I have seen no evidence of this from AAP so far, but judgement deserves to be reserved till their national manifesto is out. I think your judgement in all the spheres is being heavily clouded by your position on the economic policy. As you yourself said that it is still to be seen how divergent views on economic front will be accommodated so at this point it does not make much sense to debate that.

The second reason I believe it is not very worthwhile to debate it at this point is that economic policy is much less of an unchanging entity than say secularism (meaning it has a greater dependency on circumstances so specifics are more important for a meaningful discussion).

You said:

> I am ready to debate the true implication of secularism, too.

This is actually a quite involved one, and will like to take time to explain my opinions on this. As for AAP's view, I don't think it is necessarily a bad idea to be taking the original position of pre-independence Congress with modifications for current scenario. I think reading this blog entry, I have a fair idea of where you stand though you should correct if I misrepresent. Let me start off by saying:

Every individual has a different nature, and direction of growth driven by it. The responsibility of State is to acknowledge these differences, understand them and act as a facilitator to help the individual develop as per own nature while also exposing the individual to the available choices.

While this may be high-sounding and irrelevant, I believe the fundamental principles of secularism (and many others like education, even economics etc) must flow from this. Will expand on this subsequently.
Dear Sumedh,

You would perhaps have not put the last comment or would have raised some other issues if you had gone through the comments published so far. Your contention is nothing new. I have been a journalist and I know the difference between subjective narration and objective reporting. It is to pre-empt the allegation of subjectivity that I have quoted so many quiet as well as open dissidents in the post.

Your most glaring oversight is of the portion that deals with the manner in which 23 members of the national executive and 6 of the political affairs committee were nominated (not elected). That is a much bigger reason than the party leadership not accepting my viewpoint or that of anybody else. You also missed the commonsensical inference that it is impossible to create a party committed to honesty so fast. The silly manner in which some AAP members were found conducting themselves in the sting operation by MediaSarkar is proof that recruitment into the party was not done through thorough scrutiny. That, in turn, is related to the fact that founder members by and large are not consulted before letting someone in.

If I had found the supporter base of the party as leftist and populist as the leadership, I would not have entered the party in the first place.

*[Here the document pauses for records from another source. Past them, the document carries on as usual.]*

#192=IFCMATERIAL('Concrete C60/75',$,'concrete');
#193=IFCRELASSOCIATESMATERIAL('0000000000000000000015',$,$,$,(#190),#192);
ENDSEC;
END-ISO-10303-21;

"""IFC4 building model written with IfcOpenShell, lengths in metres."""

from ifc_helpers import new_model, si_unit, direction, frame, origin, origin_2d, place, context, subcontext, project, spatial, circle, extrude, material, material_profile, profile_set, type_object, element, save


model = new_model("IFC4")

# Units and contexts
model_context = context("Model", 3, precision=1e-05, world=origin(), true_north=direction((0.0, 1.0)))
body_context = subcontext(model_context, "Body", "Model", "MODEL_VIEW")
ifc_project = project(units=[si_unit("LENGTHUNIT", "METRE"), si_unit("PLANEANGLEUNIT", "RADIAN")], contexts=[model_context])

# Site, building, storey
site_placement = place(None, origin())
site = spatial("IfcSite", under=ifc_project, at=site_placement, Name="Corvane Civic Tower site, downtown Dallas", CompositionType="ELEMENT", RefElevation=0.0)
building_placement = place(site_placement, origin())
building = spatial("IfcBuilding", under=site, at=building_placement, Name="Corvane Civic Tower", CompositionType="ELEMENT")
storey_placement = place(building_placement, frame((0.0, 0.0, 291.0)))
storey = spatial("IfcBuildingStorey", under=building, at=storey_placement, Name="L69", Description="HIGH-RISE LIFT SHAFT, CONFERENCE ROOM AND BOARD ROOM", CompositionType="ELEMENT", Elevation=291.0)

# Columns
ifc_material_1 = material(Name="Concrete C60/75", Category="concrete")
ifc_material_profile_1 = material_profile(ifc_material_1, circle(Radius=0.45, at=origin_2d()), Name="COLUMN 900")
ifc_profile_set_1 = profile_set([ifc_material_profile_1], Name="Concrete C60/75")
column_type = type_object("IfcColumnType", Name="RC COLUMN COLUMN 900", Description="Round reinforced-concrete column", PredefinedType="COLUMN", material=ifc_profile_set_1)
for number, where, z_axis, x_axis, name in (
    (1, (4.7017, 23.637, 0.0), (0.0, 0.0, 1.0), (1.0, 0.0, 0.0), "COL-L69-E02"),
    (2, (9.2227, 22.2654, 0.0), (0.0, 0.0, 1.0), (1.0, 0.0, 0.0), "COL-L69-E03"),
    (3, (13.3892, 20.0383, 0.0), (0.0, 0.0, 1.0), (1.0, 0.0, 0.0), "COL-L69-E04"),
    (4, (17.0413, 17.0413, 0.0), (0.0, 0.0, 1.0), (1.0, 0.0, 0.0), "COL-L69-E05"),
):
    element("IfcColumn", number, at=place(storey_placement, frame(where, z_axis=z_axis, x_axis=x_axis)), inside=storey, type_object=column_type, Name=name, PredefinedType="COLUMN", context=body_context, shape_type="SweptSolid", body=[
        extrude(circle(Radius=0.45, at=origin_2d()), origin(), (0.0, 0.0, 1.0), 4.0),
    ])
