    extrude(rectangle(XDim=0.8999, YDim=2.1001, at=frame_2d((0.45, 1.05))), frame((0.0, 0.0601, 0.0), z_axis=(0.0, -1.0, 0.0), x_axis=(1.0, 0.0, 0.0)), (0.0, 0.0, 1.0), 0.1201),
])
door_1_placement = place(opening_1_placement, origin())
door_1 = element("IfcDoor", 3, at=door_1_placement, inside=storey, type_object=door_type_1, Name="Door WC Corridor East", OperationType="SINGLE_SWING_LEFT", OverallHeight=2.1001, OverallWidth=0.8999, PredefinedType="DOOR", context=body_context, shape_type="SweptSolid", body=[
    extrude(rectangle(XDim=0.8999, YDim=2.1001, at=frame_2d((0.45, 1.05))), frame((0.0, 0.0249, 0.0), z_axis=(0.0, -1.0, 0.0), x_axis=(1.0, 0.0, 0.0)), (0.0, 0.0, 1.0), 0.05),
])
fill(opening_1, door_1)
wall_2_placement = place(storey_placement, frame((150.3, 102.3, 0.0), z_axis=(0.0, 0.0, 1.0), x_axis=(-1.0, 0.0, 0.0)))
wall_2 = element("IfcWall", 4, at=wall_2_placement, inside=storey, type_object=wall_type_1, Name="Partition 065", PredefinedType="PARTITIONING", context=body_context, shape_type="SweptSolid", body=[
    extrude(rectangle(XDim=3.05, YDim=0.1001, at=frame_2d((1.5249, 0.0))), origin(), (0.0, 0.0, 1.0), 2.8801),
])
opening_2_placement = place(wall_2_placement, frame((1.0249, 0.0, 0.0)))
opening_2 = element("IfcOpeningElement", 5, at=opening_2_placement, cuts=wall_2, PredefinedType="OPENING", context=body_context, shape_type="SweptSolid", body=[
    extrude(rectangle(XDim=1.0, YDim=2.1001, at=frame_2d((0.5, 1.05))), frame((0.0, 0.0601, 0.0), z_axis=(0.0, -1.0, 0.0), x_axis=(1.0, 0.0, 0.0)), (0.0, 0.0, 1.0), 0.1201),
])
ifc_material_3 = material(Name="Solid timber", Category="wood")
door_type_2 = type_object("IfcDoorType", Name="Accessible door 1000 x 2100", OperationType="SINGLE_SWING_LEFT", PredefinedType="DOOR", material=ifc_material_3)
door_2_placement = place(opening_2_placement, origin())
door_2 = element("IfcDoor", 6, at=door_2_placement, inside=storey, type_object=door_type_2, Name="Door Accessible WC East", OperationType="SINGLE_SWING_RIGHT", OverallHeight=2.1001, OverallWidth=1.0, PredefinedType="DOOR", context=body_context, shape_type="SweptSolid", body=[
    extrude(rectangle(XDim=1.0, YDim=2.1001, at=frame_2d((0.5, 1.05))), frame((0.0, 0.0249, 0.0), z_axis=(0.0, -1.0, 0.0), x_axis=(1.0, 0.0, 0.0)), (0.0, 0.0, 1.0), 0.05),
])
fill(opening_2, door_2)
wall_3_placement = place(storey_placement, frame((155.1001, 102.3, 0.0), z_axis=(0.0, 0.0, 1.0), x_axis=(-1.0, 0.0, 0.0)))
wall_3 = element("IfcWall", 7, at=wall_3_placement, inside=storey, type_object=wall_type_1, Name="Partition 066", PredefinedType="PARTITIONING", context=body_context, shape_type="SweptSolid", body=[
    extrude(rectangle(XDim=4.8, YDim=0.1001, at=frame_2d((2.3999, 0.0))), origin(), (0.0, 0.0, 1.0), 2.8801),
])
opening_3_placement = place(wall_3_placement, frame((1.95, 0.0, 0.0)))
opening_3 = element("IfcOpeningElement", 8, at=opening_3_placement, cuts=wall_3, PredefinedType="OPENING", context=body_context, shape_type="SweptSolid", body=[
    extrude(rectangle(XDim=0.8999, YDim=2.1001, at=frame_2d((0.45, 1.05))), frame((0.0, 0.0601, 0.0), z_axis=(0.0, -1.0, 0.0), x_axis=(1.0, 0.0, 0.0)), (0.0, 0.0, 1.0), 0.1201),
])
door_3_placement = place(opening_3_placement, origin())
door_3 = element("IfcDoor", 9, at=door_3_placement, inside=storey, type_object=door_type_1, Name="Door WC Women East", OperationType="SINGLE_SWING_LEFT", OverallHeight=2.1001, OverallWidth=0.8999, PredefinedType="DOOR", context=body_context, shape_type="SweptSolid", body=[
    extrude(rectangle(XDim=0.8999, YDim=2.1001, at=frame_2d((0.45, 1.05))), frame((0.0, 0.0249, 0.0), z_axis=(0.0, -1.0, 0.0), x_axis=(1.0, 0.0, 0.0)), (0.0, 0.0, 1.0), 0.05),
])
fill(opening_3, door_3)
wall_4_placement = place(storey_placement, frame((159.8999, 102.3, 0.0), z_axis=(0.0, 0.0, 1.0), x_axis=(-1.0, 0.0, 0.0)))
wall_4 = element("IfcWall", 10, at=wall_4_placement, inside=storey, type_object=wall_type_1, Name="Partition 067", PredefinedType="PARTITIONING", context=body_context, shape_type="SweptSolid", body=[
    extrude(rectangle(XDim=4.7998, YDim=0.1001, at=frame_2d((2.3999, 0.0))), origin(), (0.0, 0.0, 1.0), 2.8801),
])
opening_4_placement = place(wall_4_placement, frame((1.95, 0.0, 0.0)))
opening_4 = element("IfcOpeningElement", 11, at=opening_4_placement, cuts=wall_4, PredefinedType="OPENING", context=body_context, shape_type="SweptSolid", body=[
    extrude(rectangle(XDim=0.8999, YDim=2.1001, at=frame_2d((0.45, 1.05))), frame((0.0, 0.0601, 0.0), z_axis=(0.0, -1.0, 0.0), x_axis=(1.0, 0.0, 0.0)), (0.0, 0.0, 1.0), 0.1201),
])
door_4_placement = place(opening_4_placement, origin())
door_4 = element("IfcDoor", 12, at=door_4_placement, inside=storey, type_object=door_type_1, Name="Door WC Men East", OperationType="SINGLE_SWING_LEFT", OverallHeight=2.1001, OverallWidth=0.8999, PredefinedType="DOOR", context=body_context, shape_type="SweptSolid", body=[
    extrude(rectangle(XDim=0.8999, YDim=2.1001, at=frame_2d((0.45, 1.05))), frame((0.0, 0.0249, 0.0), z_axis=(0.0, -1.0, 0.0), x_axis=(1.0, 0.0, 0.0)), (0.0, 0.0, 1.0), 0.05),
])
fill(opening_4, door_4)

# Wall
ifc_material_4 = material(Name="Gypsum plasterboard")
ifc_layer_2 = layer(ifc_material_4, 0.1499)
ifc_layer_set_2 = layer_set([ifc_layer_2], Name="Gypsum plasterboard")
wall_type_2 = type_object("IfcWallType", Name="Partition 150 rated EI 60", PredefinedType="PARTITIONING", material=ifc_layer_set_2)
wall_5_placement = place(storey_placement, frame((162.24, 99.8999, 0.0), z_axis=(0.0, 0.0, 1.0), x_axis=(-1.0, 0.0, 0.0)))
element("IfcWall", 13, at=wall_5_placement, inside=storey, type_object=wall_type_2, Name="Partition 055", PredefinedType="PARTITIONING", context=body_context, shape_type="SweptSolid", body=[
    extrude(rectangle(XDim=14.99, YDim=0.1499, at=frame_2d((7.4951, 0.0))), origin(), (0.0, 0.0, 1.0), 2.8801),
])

This is another point that nullifies your assumption that, while I was ignored, others were paid heed to.

It is strange that you do not see evidence of the short-lived AAP Government being a control-freak even after its defiance of sound economics as well as logistics in the manner in which it offered water free and electricity at half the rate up to consumption of 400 kWh through subsidy, and the complaint of bureaucrats that the elected representatives of this party gave them orders and instructions at will defying all procedures. Could you not see a control freak trait even in the Somnath Bharti-led racist raid, or vigilance of hospitals and schools by party cadre instead of appointed government servants?

As for secularism, firstly, the AAP’s or your idea is no differentfrom the path pursued to disastrous effect so far since Independence. Second, it hardly matters how 1.25 billion Indians lead their lives individually. Individuals have different lives in every country. That does not make states treat them differently.
Sumedh said…
Dear Surajit,

You are missing my point again. It is not my contention at all that your claim about AAP functioning being undemocratic is flawed. My point is:

a) Let's assume that all that you said about AAP undemocratic functioning is true. However, this was true well before manifesto came out. Lets say for argument sake that some of those who drafted the manifesto actually shared your views and had put them down. Still it would not have made them any more democratic. However, going by your account and statements elsewhere you would have been quite happy with such a manifesto and would not have dissociated from AAP.

b) Given a) it stands to reason that the real crux of your whole objection was that manifesto did not have the points you wanted it to have. It has got to do absolutely nothing with internal democracy in AAP or not (also borne from the fact that your current support to other party is based on its ideas alone even though there is no democracy there).

So I have been saying that the flaw of this post is that it needlessly goes on about something which has nothing to do with the reason for your disassociating from it. There is no question of my oversight anywhere because I am not questioning your claim about lack of internal democracy in the first place.

> Could you not see a control freak trait even in the Somnath Bharti-led racist raid

What, you really serious in saying this? So now handling (or mis-handling) of some law & order issue is now clubbed as evidence of "control-freak socialist state". At most this is over-activism and has nothing to do with socialism much less a control-freak one.

> complaint of bureaucrats that the elected representatives of this party gave them orders and instructions at will defying all procedures

I have not seen anything about this apart from the reported Somnath Bharti & Law Secy incident. Even that certainly nowhere fits the description you give. Also you have clearly missed, or are deliberately ignoring the reports of how top serving Delhi bureaucrats were full of praise for the ministers and CM. Seriously though clubbing all such under the category of "control-freak socialist state" is an over-exaggeration just to make your point.

> defiance of sound economics as well as logistics in the manner in which it offered water free and electricity at half the rate up to consumption of 400 kWh through subsidy

What should be subsidized and what should not be is a long drawn argument. "Pure capitalist" state is a myth due to basic fundamental problems and as you would know even best examples of capitalist states like US/UK have large subsidies somewhere or other. I have my own views on this and agree that power subsidy was a bad idea (though primarily not because "subsidies are bad"), but either way it has got to do little with a "control-freak socialist" state either.

> As for secularism, firstly, the AAP’s or your idea is no different from the path pursued to disastrous effect so far since Independence.

Uh, I have not even spelt out my idea yet. Second part of your comment clearly shows that you pre-empted conclusions incorrectly. Given the lack of patience, it would not be useful to discuss this further.
Sumedh said…
Btw, let me just point out the lack of thought in the last part:

> Second, it hardly matters how 1.25 billion Indians lead their lives individually. Individuals have different lives in every country.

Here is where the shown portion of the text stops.